There's a link in the post.

------
wil421
I like these types of things and for someone who picked up an interest in
coding while in college. I wish I had resources like this when I was a kid.

I wish the programming community in general was more friendly to newcomers. I
see people tell others that only CS people should be doing this don't even try
a lot.

------
dpaluy
I started teaching kids Ruby on Rails with Nitrous IO virtual web environment
and it's pretty good.
[https://www.nitrous.io/join/ByKc2ypawx0](https://www.nitrous.io/join/ByKc2ypawx0)

------
krrishd
Maybe you could check out teen2geek.com when its released? It's mainly for
students like yours, so that could be helpful to them.

------
SkyMarshal
This deserves a mention of the "Scheme Story" [1] linked in PG's essay
"Beating the Averages" [2]. Conceptually similar to "don't patronize".

However:

 _> Unsurprisingly, I've found that gamification works._

I suppose it does for plenty of people, but personally I'm not a fan. Saying
"don't patronize" and then adding badges, points, and the like as enticements
triggers some non-trivial amount of cognitive dissonance in me. Then again,
I'm an adult, maybe it provides a structure children need and I've long since
lost touch with that.

But a deeper problem with it is that to gamify something you have to measure
it exactly, you get more of what you measure, and it's all too easy to measure
the wrong things (or even to measure the right ones but still have undesirable
untintended consequences).

It strikes too much of teaching to the test, which isn't the best way of
cultivating creativity and innovation in students. Students will optimize for
that gamification system, instead of optimizing for depth of understanding and
creativity and, perhaps, self-efficacy in real world unstructured situations.

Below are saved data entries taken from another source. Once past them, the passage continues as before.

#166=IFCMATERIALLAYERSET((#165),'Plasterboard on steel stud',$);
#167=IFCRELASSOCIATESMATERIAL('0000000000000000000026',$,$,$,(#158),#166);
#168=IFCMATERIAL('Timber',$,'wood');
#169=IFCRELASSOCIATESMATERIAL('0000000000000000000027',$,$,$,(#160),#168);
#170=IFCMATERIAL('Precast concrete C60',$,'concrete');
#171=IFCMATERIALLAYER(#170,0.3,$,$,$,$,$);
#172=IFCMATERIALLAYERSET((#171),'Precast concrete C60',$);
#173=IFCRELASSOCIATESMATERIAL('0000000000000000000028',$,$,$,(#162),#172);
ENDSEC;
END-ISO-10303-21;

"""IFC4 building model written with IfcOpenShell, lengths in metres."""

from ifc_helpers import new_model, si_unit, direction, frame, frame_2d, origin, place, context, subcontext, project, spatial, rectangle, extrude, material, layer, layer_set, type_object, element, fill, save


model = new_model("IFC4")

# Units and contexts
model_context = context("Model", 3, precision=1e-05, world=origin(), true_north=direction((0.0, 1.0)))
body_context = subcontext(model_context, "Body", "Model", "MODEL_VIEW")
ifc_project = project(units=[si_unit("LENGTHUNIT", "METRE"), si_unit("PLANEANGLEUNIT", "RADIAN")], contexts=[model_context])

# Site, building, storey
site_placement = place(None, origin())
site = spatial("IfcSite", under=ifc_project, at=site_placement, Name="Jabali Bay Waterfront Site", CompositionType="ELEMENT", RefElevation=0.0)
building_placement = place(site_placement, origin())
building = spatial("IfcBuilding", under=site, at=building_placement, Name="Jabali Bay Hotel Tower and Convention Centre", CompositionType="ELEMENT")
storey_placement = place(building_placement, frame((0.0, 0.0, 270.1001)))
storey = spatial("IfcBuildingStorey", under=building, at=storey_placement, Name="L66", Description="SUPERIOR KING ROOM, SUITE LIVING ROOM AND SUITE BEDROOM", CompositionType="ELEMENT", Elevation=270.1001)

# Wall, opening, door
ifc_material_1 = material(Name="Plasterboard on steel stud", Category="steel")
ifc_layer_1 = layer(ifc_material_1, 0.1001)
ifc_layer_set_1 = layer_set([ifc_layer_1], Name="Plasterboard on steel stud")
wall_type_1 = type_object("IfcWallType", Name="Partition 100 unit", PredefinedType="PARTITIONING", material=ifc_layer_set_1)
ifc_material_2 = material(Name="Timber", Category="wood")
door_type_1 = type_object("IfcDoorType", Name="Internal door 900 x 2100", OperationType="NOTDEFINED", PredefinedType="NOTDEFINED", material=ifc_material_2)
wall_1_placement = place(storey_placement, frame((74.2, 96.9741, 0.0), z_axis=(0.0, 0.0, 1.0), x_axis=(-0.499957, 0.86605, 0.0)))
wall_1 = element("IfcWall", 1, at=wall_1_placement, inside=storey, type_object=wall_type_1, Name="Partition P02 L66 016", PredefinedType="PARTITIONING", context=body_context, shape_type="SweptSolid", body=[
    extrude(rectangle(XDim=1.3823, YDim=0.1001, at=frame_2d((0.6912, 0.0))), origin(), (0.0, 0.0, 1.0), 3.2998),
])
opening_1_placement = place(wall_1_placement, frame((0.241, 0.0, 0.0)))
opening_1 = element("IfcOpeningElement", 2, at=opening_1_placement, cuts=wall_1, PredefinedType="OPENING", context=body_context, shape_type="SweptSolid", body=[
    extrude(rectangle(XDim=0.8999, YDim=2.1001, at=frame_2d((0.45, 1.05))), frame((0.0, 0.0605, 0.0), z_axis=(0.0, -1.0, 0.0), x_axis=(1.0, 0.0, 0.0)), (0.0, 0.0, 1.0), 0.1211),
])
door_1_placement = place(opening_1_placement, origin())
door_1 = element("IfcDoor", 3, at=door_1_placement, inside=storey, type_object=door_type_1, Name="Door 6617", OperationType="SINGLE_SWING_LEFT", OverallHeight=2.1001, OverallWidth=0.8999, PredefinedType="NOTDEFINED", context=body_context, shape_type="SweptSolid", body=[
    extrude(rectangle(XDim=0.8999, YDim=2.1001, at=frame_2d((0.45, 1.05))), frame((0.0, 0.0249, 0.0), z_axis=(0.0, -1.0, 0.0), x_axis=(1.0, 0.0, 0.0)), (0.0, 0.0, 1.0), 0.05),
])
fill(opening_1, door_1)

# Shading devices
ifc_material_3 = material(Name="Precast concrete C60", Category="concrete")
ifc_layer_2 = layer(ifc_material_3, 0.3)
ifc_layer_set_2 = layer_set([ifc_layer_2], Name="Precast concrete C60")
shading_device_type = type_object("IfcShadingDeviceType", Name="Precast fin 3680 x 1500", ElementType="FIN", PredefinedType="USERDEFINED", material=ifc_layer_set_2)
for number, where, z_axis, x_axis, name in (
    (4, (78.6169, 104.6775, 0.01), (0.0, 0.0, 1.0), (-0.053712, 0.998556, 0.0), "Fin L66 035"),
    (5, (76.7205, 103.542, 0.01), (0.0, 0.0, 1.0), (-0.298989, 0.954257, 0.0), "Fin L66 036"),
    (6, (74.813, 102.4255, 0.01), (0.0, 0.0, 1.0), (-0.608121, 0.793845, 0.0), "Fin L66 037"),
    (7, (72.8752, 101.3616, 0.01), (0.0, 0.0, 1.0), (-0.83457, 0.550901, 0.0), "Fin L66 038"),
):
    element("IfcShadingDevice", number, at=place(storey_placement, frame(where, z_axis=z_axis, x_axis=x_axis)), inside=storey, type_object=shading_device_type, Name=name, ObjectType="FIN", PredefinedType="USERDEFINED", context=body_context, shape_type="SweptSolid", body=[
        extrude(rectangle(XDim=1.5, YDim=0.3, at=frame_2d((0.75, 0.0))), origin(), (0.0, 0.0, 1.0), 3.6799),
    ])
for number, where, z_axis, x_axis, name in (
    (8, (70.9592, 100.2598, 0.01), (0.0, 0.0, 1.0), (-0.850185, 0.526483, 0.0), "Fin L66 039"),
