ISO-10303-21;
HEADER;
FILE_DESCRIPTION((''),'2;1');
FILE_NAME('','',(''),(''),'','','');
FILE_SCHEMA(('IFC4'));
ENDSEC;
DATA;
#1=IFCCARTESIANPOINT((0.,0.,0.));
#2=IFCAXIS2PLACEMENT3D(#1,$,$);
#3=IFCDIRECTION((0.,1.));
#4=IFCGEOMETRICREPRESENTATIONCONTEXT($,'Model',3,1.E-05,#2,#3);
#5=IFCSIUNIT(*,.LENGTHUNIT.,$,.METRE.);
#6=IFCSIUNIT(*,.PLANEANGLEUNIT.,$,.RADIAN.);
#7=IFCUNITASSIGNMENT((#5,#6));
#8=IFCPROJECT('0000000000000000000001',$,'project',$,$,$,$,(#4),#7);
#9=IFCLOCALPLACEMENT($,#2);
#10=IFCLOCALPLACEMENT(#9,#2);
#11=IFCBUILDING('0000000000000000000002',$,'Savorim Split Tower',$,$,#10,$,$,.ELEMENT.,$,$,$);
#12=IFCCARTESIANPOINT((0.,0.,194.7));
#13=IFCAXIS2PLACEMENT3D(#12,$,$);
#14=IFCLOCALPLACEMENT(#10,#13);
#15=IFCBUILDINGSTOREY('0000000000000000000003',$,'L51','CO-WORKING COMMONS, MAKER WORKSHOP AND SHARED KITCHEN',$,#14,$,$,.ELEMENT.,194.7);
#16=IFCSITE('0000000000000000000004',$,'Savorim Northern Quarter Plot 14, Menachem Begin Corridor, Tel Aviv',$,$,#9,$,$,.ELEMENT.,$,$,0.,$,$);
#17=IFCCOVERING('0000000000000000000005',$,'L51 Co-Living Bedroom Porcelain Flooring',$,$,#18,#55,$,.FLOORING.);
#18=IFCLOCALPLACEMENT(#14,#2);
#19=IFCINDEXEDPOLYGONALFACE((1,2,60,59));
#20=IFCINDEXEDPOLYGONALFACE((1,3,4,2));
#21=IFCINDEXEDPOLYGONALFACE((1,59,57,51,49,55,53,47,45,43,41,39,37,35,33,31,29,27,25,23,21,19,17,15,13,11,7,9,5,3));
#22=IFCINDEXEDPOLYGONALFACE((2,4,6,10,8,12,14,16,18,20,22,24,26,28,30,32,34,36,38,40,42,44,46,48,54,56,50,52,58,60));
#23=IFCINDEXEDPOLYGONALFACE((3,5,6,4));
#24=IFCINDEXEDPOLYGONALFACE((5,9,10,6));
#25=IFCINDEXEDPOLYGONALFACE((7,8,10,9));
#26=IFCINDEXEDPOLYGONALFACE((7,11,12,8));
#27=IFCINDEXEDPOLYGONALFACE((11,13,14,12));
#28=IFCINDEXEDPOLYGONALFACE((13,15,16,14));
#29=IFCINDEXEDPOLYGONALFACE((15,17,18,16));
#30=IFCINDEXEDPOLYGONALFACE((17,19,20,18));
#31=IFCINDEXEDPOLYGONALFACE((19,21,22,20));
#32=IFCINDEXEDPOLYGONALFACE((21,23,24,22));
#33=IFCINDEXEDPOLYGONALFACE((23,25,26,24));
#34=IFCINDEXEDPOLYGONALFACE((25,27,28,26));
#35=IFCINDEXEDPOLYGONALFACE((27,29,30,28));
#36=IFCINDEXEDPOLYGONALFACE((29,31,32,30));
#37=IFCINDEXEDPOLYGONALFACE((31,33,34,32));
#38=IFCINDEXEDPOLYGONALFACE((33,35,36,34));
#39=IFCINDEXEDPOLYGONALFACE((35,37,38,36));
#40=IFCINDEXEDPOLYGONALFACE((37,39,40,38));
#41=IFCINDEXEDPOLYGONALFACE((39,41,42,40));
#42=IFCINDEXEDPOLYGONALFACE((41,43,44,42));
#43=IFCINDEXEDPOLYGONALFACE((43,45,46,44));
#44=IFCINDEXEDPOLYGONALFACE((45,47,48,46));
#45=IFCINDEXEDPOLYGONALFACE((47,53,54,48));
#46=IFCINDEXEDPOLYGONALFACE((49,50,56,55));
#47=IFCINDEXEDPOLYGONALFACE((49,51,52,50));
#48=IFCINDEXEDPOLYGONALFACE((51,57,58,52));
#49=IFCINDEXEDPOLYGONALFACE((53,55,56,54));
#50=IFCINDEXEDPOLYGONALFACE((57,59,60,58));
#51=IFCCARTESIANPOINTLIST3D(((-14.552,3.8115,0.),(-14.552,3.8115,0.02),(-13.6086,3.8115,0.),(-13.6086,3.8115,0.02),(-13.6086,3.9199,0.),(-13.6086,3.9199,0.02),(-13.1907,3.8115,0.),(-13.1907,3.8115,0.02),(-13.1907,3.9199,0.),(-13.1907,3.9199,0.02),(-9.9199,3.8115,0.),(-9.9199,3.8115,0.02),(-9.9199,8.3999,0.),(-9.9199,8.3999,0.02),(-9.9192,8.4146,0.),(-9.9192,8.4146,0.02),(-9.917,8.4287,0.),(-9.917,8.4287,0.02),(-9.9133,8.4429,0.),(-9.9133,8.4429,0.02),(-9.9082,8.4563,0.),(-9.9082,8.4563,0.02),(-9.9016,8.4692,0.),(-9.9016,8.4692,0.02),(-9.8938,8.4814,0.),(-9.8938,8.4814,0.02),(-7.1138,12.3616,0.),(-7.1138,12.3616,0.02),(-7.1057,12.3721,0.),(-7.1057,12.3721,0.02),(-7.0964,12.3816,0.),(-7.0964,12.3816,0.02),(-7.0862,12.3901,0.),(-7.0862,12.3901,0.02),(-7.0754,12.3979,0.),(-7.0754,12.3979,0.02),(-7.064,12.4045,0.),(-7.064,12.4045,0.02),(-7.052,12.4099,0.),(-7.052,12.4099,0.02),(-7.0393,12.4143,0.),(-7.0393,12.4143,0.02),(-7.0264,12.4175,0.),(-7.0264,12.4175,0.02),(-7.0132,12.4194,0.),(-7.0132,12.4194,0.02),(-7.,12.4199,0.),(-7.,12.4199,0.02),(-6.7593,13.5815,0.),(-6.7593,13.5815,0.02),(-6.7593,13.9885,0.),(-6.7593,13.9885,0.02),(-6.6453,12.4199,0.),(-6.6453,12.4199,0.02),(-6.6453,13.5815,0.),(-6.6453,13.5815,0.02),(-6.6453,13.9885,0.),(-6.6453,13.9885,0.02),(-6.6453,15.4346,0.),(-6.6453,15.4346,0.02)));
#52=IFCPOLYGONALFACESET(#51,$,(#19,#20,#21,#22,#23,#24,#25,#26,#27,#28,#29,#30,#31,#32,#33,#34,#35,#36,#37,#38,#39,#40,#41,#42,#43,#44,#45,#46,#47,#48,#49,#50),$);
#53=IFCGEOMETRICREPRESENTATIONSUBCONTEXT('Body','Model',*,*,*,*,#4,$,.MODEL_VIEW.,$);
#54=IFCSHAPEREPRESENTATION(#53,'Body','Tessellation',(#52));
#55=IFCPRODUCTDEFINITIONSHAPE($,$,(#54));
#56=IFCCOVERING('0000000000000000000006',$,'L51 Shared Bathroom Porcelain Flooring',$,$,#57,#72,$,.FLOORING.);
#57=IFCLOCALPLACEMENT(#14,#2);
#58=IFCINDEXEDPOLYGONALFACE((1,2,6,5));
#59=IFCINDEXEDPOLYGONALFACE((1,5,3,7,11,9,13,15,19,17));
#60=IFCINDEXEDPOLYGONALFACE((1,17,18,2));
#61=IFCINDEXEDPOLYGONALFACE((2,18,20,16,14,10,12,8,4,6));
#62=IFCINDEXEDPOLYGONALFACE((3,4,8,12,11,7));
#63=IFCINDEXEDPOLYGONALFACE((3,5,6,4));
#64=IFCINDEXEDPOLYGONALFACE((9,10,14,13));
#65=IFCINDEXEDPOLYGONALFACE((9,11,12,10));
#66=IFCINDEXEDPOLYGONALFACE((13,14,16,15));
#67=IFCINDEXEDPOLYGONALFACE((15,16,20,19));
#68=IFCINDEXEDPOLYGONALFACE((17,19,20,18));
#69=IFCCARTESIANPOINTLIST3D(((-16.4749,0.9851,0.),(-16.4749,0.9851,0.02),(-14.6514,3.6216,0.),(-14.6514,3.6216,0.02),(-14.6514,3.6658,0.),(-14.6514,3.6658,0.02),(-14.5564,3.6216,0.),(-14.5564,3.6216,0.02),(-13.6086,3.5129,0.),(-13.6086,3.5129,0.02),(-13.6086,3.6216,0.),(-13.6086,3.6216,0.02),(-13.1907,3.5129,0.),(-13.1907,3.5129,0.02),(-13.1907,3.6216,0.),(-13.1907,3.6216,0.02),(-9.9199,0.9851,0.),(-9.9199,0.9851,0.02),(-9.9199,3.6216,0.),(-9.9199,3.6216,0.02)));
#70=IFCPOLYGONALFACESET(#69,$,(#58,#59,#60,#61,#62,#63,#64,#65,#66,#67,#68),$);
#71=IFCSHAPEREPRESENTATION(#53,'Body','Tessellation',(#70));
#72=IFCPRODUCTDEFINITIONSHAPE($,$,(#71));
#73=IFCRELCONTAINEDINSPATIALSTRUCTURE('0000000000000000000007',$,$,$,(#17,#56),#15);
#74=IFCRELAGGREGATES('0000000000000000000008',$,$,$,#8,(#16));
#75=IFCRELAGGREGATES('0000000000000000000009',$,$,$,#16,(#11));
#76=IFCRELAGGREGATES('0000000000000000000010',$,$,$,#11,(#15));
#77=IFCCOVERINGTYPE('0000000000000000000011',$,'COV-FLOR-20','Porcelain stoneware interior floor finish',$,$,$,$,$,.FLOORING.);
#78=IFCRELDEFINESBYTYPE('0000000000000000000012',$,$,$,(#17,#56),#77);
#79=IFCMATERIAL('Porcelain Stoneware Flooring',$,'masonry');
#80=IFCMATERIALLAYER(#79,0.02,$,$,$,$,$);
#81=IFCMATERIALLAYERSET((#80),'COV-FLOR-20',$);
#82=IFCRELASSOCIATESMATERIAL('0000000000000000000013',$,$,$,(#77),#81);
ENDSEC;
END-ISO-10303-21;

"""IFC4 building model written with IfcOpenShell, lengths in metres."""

from ifc_helpers import new_model, si_unit, direction, frame, origin, place, context, subcontext, project, spatial, polyline, outline, extrude, material, layer, layer_set, type_object, element, save


model = new_model("IFC4")

# Units and contexts
model_context = context("Model", 3, precision=1e-05, world=origin(), true_north=direction((0.0, 1.0)))
body_context = subcontext(model_context, "Body", "Model", "MODEL_VIEW")
ifc_project = project(units=[si_unit("LENGTHUNIT", "METRE"), si_unit("PLANEANGLEUNIT", "RADIAN")], contexts=[model_context])

# Site, building, storey
site_placement = place(None, origin())
site = spatial("IfcSite", under=ifc_project, at=site_placement, Name="Savorim Northern Quarter Plot 14, Menachem Begin Corridor, Tel Aviv", CompositionType="ELEMENT", RefElevation=0.0)
building_placement = place(site_placement, origin())
building = spatial("IfcBuilding", under=site, at=building_placement, Name="Savorim Split Tower", CompositionType="ELEMENT")
storey_placement = place(building_placement, frame((0.0, 0.0, 194.7)))
storey = spatial("IfcBuildingStorey", under=building, at=storey_placement, Name="L51", Description="CO-WORKING COMMONS, MAKER WORKSHOP AND SHARED KITCHEN", CompositionType="ELEMENT", Elevation=194.7)

# Coverings
ifc_material_1 = material(Name="Porcelain Stoneware Flooring", Category="masonry")
ifc_layer_1 = layer(ifc_material_1, 0.02)
ifc_layer_set_1 = layer_set([ifc_layer_1], Name="COV-FLOR-20")
covering_type_1 = type_object("IfcCoveringType", Name="COV-FLOR-20", Description="Porcelain stoneware interior floor finish", PredefinedType="FLOORING", material=ifc_layer_set_1)
covering_1_placement = place(storey_placement, origin())
element("IfcCovering", 1, at=covering_1_placement, inside=storey, type_object=covering_type_1, Name="L51 Co-Living Bedroom Porcelain Flooring", PredefinedType="FLOORING", context=body_context, shape_type="SweptSolid", body=[
    extrude(outline(polyline([(-7.0132, 12.4194), (-7.0, 12.4199), (-6.6453, 12.4199), (-6.6453, 13.5815), (-6.7593, 13.5815), (-6.7593, 13.9885), (-6.6453, 13.9885), (-6.6453, 15.4346), (-14.552, 3.8115), (-13.6086, 3.8115), (-13.6086, 3.9199), (-13.1907, 3.9199), (-13.1907, 3.8115), (-9.9199, 3.8115), (-9.9199, 8.3999), (-9.9192, 8.4146), (-9.917, 8.4287), (-9.9133, 8.4429), (-9.9082, 8.4563), (-9.9016, 8.4692), (-9.8938, 8.4814), (-7.1138, 12.3616), (-7.1057, 12.3721), (-7.0964, 12.3816), (-7.0862, 12.3901), (-7.0754, 12.3979), (-7.064, 12.4045), (-7.052, 12.4099), (-7.0393, 12.4143), (-7.0264, 12.4175), (-7.0132, 12.4194)])), origin(), (0.0, 0.0, 1.0), 0.02),
])
covering_2_placement = place(storey_placement, origin())
element("IfcCovering", 2, at=covering_2_placement, inside=storey, type_object=covering_type_1, Name="L51 Shared Bathroom Porcelain Flooring", PredefinedType="FLOORING", context=body_context, shape_type="SweptSolid", body=[
    extrude(outline(polyline([(-13.6086, 3.6216), (-14.5564, 3.6216), (-14.6514, 3.6216), (-14.6514, 3.6658), (-16.4749, 0.9851), (-9.9199, 0.9851), (-9.9199, 3.6216), (-13.1907, 3.6216), (-13.1907, 3.5129), (-13.6086, 3.5129), (-13.6086, 3.6216)])), origin(), (0.0, 0.0, 1.0), 0.02),
])

save(model, "model.ifc")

Which also begs the question, when teaching young kids, should we be focusing
on drilling them in a body of knowledge, or first developing a hacker
mentality - curiosity, resourcefulness, and determination to figure this thing
out and make it do what you want?

In that light, I find the recent Wired article on the "radical new teaching
method" [3] of just giving kids computers and seeing what they do with it much
more interesting.

It's well documented that children pick up foreign languages much quicker than
adults by mere exposure, might it be the same for computer languages?

How about try giving the class a bunch of Chromebooks w/ a terminal app and
SSH, and their own AWS t1.micro, and see if they can figure out how to set up
a website, using whatever means they're able to (even Amazon's excellent
documentation).

Get a static site up, then build on it from there - HMTL -> CSS -> JS ->
backend whatever.

Web development is not exactly hardcore programming, but few things are as
exciting and captivating as seeing your own website on the Internet for the
first time, and the combination of that plus the relative ease of figuring it
out would be perfect for 9-13yr olds, I think.

[1]:
[http://www.trollope.org/scheme.html](http://www.trollope.org/scheme.html)

[2]: [http://paulgraham.com/avg.html](http://paulgraham.com/avg.html)

[3]:
[http://news.ycombinator.com/item?id=6553155](http://news.ycombinator.com/item?id=6553155)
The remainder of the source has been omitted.